- Brookings used BLS employment projections to see how growth in metro areas may change after the pandemic.
- The report finds some tech metro areas and university towns may not see that big of a difference.
- Tourism-heavy metro areas like Atlantic City, New Jersey may see the biggest differences.
- See more stories on Insider’s business page.
A new metro area and state analysis from Brookings finds employment in all metro areas will be affected by the long-term outcomes of the pandemic, but places that rely on tourism could be hit especially hard.
Mark Muro, senior fellow and policy director of the Metropolitan Policy Program at Brookings, and research assistant Yang You published a new report about how employment may change across the US based on recent 2019-2029 projections calculated by the Bureau of Labor Statistics.
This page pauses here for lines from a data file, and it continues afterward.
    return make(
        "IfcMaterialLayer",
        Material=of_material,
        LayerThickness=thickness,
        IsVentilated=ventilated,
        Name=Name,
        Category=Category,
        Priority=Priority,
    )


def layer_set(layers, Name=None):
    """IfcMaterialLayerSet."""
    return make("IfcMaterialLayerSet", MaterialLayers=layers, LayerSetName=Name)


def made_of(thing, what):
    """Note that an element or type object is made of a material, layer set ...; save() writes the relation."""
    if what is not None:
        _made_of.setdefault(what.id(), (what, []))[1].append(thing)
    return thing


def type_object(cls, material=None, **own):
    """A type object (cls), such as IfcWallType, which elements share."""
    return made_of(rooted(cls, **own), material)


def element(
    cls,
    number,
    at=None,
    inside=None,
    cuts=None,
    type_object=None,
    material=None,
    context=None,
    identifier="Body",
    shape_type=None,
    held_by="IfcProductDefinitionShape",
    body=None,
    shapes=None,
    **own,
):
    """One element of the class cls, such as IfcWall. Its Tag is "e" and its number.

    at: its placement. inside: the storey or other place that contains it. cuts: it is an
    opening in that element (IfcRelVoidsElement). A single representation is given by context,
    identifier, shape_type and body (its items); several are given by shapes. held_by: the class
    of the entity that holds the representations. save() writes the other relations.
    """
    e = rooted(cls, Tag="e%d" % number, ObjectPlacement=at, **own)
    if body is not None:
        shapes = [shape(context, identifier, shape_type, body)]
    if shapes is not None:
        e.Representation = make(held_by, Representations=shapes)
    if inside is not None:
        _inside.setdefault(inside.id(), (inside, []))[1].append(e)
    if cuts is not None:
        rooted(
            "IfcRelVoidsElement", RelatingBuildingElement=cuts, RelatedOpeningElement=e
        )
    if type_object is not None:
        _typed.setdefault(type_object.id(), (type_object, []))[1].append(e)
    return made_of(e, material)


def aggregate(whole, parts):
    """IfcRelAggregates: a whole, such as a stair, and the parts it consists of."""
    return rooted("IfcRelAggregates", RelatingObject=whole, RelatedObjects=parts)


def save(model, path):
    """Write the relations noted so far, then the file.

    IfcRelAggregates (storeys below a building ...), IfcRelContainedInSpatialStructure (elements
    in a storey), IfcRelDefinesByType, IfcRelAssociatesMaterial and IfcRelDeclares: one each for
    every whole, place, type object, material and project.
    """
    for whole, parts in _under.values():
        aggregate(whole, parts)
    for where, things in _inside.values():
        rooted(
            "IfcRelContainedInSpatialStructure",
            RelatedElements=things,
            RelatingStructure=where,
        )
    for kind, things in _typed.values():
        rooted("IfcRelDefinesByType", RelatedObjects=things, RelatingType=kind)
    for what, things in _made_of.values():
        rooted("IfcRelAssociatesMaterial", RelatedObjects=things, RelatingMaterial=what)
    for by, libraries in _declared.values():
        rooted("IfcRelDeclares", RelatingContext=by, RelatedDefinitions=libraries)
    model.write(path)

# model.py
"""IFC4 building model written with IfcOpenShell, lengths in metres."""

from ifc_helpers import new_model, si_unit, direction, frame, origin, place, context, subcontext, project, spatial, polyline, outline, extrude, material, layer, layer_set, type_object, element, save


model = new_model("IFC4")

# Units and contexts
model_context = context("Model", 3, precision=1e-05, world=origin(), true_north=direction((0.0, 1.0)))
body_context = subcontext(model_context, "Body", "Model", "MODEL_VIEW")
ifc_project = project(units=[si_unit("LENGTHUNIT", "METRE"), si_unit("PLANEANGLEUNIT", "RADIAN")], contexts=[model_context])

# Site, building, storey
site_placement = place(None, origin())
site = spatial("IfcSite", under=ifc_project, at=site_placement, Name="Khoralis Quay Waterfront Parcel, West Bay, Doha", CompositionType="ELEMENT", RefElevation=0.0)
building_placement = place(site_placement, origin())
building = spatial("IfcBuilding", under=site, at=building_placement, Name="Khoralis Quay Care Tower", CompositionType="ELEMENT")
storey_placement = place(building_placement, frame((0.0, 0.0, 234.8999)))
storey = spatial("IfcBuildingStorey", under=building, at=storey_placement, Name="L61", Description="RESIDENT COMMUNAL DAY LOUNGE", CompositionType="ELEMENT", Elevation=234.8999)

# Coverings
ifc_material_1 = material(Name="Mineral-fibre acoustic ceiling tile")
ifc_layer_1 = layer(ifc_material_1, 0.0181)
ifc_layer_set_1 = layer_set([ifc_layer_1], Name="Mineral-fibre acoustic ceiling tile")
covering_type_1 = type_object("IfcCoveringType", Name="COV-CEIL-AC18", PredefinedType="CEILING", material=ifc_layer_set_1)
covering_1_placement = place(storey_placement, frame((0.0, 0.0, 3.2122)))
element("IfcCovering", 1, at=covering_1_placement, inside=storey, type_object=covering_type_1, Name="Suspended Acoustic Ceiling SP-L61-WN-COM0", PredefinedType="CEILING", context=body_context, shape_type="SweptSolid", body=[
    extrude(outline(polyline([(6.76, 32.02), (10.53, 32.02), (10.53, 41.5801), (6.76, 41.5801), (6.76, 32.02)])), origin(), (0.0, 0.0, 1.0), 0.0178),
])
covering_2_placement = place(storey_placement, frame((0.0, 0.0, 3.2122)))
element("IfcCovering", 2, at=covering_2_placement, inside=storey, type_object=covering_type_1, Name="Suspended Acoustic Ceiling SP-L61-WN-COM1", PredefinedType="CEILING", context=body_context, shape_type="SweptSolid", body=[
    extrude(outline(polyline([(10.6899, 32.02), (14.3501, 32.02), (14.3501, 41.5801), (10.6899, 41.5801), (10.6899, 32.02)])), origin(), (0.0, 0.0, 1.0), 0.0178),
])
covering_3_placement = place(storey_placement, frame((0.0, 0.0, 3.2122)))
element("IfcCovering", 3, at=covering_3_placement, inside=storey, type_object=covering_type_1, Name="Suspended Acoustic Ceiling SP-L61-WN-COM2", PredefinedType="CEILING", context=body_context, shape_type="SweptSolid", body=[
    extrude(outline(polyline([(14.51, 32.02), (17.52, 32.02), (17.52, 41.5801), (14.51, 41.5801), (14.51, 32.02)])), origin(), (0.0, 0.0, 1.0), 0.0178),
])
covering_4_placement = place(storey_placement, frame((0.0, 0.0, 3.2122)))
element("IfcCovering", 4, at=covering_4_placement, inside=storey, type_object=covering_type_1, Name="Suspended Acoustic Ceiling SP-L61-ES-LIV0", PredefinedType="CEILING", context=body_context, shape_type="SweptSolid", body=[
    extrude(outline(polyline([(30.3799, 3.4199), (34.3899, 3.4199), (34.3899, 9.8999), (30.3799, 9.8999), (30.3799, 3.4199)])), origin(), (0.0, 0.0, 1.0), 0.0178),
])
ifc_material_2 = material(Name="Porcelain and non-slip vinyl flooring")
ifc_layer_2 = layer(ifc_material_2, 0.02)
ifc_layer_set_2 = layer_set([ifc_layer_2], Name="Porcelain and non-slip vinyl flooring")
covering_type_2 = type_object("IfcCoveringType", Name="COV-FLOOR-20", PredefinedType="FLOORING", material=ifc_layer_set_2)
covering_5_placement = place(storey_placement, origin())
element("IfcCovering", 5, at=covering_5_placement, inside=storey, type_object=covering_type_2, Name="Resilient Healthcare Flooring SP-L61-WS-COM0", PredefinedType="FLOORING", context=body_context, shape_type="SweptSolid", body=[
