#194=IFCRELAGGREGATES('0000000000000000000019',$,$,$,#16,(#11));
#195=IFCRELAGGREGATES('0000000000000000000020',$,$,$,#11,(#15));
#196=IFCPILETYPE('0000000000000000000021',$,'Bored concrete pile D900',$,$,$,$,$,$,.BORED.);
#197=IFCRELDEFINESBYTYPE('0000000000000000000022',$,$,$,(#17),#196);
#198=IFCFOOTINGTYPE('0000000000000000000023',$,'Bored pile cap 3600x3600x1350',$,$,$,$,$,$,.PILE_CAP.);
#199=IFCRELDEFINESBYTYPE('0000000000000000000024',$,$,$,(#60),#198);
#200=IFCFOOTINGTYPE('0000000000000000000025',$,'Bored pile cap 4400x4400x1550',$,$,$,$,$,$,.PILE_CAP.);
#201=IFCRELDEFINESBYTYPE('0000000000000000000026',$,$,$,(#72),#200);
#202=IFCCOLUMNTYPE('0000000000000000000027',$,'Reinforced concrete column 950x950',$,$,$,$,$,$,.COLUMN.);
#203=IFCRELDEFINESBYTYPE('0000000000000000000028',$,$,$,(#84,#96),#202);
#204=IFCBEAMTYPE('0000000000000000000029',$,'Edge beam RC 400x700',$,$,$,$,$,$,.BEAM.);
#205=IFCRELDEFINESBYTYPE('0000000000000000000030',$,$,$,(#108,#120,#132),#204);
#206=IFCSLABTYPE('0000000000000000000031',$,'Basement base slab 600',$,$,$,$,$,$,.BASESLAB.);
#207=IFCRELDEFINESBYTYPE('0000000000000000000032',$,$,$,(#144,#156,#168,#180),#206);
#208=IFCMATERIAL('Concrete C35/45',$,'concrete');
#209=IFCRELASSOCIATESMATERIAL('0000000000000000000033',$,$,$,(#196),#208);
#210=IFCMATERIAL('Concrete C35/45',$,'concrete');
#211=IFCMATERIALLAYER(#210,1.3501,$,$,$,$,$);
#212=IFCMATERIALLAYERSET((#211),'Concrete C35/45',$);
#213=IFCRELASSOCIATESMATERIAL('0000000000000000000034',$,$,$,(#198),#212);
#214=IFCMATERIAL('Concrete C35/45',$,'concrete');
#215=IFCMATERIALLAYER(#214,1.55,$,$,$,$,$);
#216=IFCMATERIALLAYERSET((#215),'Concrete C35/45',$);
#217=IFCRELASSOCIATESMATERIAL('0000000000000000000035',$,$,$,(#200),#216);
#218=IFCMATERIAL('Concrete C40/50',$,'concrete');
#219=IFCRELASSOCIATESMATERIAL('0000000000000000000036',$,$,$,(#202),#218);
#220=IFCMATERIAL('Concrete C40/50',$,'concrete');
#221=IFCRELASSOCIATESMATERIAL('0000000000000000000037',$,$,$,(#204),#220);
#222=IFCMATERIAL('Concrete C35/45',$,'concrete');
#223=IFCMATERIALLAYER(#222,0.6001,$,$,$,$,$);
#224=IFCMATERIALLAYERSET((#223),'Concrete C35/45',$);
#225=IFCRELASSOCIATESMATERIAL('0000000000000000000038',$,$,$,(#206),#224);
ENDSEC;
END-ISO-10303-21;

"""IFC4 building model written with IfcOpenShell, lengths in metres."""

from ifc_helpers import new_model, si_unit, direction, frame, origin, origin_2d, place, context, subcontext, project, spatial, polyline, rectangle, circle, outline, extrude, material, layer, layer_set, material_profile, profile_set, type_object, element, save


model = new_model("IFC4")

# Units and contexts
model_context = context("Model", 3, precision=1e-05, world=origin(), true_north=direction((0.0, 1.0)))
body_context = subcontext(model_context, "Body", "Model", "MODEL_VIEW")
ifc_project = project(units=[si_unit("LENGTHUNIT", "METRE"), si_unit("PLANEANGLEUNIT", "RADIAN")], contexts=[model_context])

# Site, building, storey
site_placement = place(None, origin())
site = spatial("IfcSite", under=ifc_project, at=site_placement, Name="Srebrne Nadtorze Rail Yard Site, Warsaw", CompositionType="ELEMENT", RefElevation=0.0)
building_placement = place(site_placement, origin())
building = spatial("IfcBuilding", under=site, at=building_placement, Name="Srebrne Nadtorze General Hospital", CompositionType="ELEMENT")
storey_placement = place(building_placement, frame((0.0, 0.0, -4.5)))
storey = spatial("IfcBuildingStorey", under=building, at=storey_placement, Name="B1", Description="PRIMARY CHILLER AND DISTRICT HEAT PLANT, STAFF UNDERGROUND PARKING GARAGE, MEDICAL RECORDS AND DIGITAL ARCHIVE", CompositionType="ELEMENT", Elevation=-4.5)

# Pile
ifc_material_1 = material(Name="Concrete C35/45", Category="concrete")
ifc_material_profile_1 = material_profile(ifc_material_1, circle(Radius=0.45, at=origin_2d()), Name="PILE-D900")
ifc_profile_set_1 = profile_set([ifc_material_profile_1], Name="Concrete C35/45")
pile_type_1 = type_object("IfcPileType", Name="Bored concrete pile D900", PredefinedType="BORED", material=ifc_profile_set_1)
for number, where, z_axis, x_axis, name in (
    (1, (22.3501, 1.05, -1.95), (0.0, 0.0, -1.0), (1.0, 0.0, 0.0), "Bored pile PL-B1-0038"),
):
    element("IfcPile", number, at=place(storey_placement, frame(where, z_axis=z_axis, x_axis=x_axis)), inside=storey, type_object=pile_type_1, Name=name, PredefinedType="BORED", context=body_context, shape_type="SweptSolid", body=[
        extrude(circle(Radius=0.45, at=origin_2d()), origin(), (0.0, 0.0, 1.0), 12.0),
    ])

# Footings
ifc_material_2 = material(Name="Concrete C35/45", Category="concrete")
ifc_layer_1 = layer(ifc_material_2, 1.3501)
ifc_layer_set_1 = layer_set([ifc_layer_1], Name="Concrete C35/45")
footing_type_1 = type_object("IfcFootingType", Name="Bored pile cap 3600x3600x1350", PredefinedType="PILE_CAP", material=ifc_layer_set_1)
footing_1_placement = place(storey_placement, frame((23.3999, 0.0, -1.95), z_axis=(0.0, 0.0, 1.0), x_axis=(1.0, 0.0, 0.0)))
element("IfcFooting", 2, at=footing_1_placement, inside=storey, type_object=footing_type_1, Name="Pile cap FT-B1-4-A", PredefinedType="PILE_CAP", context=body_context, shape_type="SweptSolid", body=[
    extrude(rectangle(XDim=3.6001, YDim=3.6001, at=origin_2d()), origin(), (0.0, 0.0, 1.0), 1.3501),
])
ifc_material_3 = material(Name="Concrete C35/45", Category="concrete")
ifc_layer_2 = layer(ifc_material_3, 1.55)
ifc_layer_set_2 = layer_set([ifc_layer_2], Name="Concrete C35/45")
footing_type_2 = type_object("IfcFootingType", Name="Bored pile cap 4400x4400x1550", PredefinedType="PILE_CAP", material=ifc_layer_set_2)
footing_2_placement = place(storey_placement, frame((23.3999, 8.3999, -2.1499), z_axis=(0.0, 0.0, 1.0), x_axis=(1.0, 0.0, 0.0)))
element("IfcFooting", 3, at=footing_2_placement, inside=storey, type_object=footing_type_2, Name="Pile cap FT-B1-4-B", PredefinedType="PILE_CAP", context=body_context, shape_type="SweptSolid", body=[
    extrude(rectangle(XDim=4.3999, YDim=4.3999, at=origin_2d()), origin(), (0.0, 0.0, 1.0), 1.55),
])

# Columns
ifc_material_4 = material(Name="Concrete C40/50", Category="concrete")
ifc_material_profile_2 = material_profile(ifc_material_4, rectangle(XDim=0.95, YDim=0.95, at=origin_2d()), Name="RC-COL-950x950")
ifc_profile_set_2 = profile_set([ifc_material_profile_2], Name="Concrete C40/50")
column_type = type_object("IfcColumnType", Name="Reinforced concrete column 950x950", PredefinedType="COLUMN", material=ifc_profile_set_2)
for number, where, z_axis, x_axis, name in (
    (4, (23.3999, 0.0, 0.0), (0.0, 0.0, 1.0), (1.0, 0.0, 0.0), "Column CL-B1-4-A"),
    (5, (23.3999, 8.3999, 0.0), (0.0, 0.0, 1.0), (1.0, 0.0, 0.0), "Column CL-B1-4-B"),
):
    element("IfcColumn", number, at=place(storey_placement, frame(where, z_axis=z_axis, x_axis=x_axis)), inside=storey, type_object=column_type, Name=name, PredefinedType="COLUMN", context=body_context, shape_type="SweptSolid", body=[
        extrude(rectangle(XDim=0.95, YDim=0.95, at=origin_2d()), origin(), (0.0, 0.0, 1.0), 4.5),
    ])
The new projections analyze how employment may in various industries and occupations could grow or shrink over the decade given long-term changes in behavior from the pandemic, such as people continuing to avoid large crowds and more telework.
“While we’re all expecting and hoping for a very robust, near-term recovery from the [COVID-19] crisis, we shouldn’t forget this longer-term potential aftereffect that in some places could really, be painful,” Muro told Insider.
The Brookings report shows that across US metro areas, employment is expected to be lower in 2029 than it would have been without the pandemic, but some metro areas have larger differences.
“Places that are heavily specialized in accommodations or food services, or arts and entertainment, or retail will themselves feel some slowing from the baseline,” Muro said based on BLS‘ expectations of what employment will look like by industry in the long term.
“Those economies are very cyclical anyway, and they may be subjected now to an additional, fairly substantial drag, according to the BLS numbers,” Muro told Insider.
The following chart highlights the five metro areas where difference in employment growth between the baseline and strong impact scenario are the largest:
Many of the places that may see the largest changes to employment are tourism and vacation destinations. This includes places like Myrtle Beach, South Carolina; Atlantic City, New Jersey; and Las Vegas. The chart shows Kahului, Hawaii, and Atlantic City, New Jersey, have the largest percent differences among the metro areas at -3.6%.
On the other hand, Brookings notes the places with the lowest percent differences are a mix of metro areas that are big in tech and manufacturing as well as “university towns strong in science and IT,” such as Ann Arbor, Michigan.
The following chart highlights the five metro areas where differences in employment growth between the baseline and strong impact scenario are the smallest:
The chart shows Trenton, New Jersey, has the smallest percent difference among the metro areas at -1.1%, where projected 2029 employment in the strong impact scenario is around 3,200 lower than the baseline scenario of around 291,000. Among the 384 metro areas, 298 of them have percent differences below 2.0%.
It is important to note the BLS projections are just estimates and could differ from what actually pans out between 2019 and 2029. Muro said government responses and changes by policy makers can help places that may see the largest percent differences.
“There may be particularly successful policy interventions that help these places with these sorts of industries and workers,” Muro said. “So all of those things could happen, and that could change the picture. What further government response there is might make a difference.”